A couple years back we broke the story at Examiner.com that Peter Lindbergh had orchestrated a Supermodel Reunion as part of his short film series published on Nowness.com. The details of the project were pretty hush, but all would soon be revealed. And what a reveal it was!
Supermodel Reunion | Top models of the ‘90s reunited in short film
The ‘90s decade is known for standout sitcoms, grunge rock, and the era of the supermodel. In January 1990 Vogue UK boasted a cover photograph by Peter Lindbergh starring Cindy Crawford, Christy Turlington, Naomi Campbell, Linda Evangelista and Tatjana Patitz. For his short film series, Lindbergh has assembled some of the era’s biggest names in modeling for a short film entitled The Reunion which is currently featured on Nowness.com.
Known for producing stunning black-and-white imagery, Peter Lindbergh directed the short featuring models Karen Alexander, Nadja Auermann, Helena Christensen, Cindy Crawford, Eva Herzigova and Tatjana Patitz. Ranging in age from 40s to 50s at the time of the shoot, the models can be seen reminiscing about past photo sessions while posing for a group shot in knit sweaters. The clip includes a voiceover from Crawford saying, “The thing that makes working with Peter memorable is just Peter, his energy. He really sees the beauty in a mature woman, like through experience, through having children, through heartbreaks, through love. Through all of that, Peter thinks, adds to our beauty. And that’s what we’re here doing today.”

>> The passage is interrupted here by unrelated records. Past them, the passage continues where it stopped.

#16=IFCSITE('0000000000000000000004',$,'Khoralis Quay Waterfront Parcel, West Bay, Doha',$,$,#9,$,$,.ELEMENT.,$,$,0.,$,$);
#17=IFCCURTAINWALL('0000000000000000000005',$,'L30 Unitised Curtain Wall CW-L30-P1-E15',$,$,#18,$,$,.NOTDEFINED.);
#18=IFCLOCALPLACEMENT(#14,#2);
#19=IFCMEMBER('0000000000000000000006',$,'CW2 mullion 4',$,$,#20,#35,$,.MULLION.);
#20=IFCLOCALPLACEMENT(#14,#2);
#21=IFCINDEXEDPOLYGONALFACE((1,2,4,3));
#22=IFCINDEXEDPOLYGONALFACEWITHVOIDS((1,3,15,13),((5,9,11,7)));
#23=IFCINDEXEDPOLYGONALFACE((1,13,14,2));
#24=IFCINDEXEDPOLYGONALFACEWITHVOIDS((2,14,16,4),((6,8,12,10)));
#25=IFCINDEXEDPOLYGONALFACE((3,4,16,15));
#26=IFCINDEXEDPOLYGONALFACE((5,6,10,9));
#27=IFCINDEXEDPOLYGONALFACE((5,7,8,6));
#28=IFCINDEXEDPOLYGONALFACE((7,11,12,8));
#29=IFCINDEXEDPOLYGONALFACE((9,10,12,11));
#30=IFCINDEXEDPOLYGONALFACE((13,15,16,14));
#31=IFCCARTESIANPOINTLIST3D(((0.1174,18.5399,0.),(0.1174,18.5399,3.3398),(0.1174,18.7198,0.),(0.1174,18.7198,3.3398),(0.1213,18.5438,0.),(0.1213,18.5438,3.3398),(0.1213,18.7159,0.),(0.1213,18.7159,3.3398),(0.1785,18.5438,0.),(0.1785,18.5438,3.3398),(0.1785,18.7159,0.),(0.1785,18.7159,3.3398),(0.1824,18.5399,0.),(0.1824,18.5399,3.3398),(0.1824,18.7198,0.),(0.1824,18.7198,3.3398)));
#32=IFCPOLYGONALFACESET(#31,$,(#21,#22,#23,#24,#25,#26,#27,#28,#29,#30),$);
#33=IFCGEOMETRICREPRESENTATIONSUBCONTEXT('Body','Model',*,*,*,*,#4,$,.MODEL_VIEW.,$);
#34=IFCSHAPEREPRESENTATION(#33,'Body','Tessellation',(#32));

Lindbergh’s iconic Vogue image began a trend that would lead to ensemble casting of models in editorials and music videos, introducing the world to the faces of fashion who would remain household names to this day. While some of these legendary supermodels have lingered in the spotlight over the past 25 years, having them gathered together in one place for a group photo shoot was a rare treat. The black-and-white short was published as part of the Directors Cuts series at Nowness.
If you have never seen this piece or his other supermodel short entitled Walking I would strongly encourage you to take a look. These black-and-white mini masterpieces capture so much more than an era of iconic fashion models gone by. It’s a testament to a revolutionary period of time when everything was about to change for models of the world, everywhere.
These women were more than just stereotypical model-types or as they were labeled Supermodels. Prior to their successes, a working model could expect her career to last up until the age of 25, and at that point she would be considered a “classic” model, perhaps suited for an agency’s older division. At age 25! So going in at age 18 to 20, you think okay I have a few years to do this and that’s it. But these incredible ladies changed all of that.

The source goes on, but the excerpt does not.